Question

The 10th term of an arithmetic series, S is 66
The sum of the first 20 terms of is S 1290

Answer 1

The question given here is incomplete. The correct question is given below-

"The 10th term of an arithmetic series, S is 66. The sum of the first 20 terms of S is 1290. Find the 5th term of the series."

Given:-

$a_{10}$ = 66

$S_{20}$ = 1290

To find:-

The value of $a_{5}$

Solution:-

We know that,

$a_{n}$ = a + (n-1)d

$a_{10}$ = a +(10 - 1)d

    = a + (9)d

66 = a + 9d                                                  (using the value  $a_{10}$ as given)
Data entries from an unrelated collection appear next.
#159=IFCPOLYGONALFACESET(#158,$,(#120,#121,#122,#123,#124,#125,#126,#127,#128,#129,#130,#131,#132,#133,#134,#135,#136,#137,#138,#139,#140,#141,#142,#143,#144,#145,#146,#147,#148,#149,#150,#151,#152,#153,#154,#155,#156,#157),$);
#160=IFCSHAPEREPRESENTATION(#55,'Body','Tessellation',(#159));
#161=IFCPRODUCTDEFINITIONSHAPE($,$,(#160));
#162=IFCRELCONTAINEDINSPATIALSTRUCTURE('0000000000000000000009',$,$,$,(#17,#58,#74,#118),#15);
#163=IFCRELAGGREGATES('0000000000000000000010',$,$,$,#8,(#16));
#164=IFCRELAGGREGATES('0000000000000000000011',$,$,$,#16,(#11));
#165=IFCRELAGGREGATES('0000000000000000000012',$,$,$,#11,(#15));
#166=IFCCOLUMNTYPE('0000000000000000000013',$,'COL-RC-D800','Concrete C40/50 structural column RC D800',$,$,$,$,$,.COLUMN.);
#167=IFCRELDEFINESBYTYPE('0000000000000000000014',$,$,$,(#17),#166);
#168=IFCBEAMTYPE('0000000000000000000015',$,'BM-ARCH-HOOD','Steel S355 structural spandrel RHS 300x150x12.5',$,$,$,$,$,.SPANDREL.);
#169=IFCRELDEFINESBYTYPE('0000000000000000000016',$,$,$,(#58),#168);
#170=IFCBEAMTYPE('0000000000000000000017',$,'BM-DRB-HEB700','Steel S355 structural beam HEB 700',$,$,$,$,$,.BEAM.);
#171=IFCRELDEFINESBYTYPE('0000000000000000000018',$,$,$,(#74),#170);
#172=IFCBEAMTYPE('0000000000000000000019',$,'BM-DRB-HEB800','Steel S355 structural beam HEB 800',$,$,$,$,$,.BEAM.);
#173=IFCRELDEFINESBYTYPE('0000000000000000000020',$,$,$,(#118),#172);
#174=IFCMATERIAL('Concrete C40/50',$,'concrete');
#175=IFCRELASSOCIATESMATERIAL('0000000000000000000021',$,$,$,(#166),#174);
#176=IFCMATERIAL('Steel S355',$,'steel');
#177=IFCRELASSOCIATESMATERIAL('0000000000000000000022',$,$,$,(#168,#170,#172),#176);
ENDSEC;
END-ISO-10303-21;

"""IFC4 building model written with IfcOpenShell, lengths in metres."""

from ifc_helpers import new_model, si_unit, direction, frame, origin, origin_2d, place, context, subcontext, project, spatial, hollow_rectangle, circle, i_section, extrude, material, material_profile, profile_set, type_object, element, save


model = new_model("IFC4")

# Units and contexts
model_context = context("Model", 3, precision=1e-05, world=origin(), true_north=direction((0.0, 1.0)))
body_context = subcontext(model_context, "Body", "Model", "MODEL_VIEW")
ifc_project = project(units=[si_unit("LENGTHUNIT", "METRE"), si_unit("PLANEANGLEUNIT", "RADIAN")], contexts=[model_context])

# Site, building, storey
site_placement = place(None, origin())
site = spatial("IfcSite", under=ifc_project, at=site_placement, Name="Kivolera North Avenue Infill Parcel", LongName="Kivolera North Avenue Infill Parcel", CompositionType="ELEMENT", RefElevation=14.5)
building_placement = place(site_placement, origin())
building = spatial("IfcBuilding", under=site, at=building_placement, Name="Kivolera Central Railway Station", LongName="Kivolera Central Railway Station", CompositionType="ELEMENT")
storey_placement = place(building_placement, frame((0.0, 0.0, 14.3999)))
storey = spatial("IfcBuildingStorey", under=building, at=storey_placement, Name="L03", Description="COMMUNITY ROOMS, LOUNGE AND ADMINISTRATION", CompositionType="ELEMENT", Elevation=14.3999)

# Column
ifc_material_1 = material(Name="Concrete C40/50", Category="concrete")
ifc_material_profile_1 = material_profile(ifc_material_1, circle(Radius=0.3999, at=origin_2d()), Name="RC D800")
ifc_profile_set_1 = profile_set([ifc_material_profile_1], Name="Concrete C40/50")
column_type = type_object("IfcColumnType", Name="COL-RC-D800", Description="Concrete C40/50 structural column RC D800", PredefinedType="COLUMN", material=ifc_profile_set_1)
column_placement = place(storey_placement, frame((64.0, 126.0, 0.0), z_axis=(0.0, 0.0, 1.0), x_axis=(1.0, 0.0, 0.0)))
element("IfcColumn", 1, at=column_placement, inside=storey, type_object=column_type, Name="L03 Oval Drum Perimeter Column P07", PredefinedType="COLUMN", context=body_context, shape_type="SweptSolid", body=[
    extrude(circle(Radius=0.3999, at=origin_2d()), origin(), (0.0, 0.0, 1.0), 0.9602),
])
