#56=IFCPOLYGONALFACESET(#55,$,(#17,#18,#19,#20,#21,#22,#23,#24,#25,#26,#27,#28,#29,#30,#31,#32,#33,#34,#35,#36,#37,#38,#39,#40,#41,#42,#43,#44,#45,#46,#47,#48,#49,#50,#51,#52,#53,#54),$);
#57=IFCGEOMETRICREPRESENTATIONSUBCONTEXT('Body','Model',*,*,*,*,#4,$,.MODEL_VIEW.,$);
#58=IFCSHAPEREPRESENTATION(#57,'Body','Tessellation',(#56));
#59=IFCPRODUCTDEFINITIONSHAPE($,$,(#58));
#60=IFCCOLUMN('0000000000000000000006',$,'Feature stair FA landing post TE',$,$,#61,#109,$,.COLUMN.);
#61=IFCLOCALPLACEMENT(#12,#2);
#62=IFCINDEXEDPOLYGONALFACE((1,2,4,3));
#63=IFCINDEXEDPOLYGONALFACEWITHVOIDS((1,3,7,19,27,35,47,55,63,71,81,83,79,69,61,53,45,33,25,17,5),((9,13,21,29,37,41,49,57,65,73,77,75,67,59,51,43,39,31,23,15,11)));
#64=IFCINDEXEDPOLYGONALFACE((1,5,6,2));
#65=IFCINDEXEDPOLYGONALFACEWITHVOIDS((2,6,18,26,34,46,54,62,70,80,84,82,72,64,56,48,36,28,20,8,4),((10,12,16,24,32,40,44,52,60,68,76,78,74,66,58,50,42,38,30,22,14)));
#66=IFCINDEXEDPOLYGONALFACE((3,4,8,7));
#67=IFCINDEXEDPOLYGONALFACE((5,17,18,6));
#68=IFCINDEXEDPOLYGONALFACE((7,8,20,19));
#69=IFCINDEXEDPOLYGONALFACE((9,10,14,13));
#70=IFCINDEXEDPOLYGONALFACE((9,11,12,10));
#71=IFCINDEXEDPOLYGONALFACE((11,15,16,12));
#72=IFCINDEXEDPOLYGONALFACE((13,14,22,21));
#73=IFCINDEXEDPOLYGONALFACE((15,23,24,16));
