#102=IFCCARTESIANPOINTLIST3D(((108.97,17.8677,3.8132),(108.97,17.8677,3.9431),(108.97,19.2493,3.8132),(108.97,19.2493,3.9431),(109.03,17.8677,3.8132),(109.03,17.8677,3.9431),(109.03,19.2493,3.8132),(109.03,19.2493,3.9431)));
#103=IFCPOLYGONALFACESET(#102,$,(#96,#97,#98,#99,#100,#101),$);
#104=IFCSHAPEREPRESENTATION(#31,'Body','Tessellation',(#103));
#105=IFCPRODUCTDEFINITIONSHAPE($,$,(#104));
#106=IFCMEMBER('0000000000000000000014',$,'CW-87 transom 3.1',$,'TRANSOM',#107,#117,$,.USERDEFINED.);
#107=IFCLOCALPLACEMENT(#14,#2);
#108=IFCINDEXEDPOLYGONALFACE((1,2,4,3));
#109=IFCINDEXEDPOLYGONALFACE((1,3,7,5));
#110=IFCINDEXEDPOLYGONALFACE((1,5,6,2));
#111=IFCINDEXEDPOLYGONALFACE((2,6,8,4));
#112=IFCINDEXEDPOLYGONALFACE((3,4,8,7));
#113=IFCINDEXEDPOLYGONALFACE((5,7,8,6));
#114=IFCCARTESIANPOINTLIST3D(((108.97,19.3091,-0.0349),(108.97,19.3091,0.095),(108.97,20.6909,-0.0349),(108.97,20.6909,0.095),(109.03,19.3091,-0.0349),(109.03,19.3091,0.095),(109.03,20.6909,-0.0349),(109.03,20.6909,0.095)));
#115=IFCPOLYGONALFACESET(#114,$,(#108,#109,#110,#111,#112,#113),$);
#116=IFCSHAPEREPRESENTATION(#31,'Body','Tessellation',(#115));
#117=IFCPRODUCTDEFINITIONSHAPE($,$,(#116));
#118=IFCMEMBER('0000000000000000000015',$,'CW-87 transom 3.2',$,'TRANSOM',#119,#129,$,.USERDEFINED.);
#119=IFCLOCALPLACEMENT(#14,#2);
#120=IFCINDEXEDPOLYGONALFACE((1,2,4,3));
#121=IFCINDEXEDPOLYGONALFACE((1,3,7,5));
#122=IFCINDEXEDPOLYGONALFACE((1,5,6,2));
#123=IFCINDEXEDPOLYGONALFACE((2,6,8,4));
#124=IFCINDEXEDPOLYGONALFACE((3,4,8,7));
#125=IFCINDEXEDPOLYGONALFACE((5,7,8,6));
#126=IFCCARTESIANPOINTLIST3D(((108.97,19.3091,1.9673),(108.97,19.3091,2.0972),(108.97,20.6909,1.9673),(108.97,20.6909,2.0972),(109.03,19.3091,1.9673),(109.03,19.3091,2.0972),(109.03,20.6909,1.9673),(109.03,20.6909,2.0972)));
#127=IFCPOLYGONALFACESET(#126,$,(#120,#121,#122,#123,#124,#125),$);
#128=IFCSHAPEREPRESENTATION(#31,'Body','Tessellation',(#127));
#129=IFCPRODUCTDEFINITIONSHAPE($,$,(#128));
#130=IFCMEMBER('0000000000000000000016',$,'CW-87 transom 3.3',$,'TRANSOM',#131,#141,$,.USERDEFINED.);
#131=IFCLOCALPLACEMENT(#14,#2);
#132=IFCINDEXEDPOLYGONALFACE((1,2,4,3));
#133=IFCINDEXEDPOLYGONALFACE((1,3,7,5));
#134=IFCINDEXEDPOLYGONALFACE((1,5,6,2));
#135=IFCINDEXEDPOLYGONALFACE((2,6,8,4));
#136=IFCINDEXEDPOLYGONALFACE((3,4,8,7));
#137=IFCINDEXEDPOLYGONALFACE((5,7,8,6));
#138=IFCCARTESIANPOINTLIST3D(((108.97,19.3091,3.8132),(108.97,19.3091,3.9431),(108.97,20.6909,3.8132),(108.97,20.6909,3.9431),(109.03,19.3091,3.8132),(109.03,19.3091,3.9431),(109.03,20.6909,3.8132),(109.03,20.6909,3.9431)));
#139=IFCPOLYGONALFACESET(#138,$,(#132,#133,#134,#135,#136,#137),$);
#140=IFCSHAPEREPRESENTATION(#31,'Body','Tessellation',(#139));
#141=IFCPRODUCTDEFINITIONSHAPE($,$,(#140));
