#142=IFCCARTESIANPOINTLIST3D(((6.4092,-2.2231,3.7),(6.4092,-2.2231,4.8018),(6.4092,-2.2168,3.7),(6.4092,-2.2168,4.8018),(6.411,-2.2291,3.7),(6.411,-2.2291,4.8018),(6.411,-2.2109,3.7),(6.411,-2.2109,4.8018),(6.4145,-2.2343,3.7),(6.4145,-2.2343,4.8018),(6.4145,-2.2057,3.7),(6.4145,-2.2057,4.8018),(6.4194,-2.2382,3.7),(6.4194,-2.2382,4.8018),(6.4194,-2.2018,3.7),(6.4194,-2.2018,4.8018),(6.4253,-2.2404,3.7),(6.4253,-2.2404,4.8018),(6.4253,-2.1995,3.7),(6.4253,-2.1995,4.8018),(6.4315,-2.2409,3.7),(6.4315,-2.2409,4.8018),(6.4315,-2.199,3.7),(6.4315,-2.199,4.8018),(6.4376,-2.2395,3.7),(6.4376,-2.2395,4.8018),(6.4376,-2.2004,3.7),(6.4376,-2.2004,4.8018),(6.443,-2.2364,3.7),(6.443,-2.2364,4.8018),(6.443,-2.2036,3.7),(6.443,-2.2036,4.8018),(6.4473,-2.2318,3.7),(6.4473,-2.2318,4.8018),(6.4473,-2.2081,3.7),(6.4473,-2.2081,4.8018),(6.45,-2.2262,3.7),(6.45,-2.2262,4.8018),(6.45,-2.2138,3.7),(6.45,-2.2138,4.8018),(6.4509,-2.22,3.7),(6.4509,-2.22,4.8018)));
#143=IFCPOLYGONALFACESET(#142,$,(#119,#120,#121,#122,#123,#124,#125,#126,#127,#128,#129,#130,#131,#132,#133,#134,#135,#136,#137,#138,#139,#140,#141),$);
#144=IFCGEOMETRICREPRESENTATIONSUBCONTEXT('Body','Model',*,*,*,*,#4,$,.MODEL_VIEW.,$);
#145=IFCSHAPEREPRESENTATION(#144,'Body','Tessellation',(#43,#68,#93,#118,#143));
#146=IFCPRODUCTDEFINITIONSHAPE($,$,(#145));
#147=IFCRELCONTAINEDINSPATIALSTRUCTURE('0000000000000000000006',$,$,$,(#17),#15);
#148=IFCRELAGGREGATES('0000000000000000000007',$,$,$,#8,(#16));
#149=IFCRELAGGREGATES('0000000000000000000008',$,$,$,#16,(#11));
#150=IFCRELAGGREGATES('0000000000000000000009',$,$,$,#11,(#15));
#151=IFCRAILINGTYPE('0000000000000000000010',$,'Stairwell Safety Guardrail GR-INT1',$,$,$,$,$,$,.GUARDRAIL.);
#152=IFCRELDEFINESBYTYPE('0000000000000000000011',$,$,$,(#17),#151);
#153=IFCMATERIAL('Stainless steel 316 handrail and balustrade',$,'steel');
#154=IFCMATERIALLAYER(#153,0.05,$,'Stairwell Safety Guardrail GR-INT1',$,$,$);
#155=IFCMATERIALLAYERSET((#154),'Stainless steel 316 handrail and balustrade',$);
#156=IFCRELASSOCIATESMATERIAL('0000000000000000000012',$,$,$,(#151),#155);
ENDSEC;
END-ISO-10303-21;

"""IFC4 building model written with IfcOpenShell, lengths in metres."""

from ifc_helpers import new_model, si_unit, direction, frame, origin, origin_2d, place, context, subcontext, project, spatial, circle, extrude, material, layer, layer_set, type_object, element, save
a = 66 - 9d                                                     (1)

Now,

$S_{20}$ = $\frac{n}{2}$ ×(2a + (n - 1)d)

1290 = $\frac{20}{2}$ ×(2a + ( 20 - 1)d)

1290 = 10 × (2a + 19d)

129 = 2a + 19d

129 = 2 (66 - 9d) + 19d                               (substituting the value of 1 here)

129 = 132 - 18d + 19d

129 - 132 = d

d = -3                                                  (2)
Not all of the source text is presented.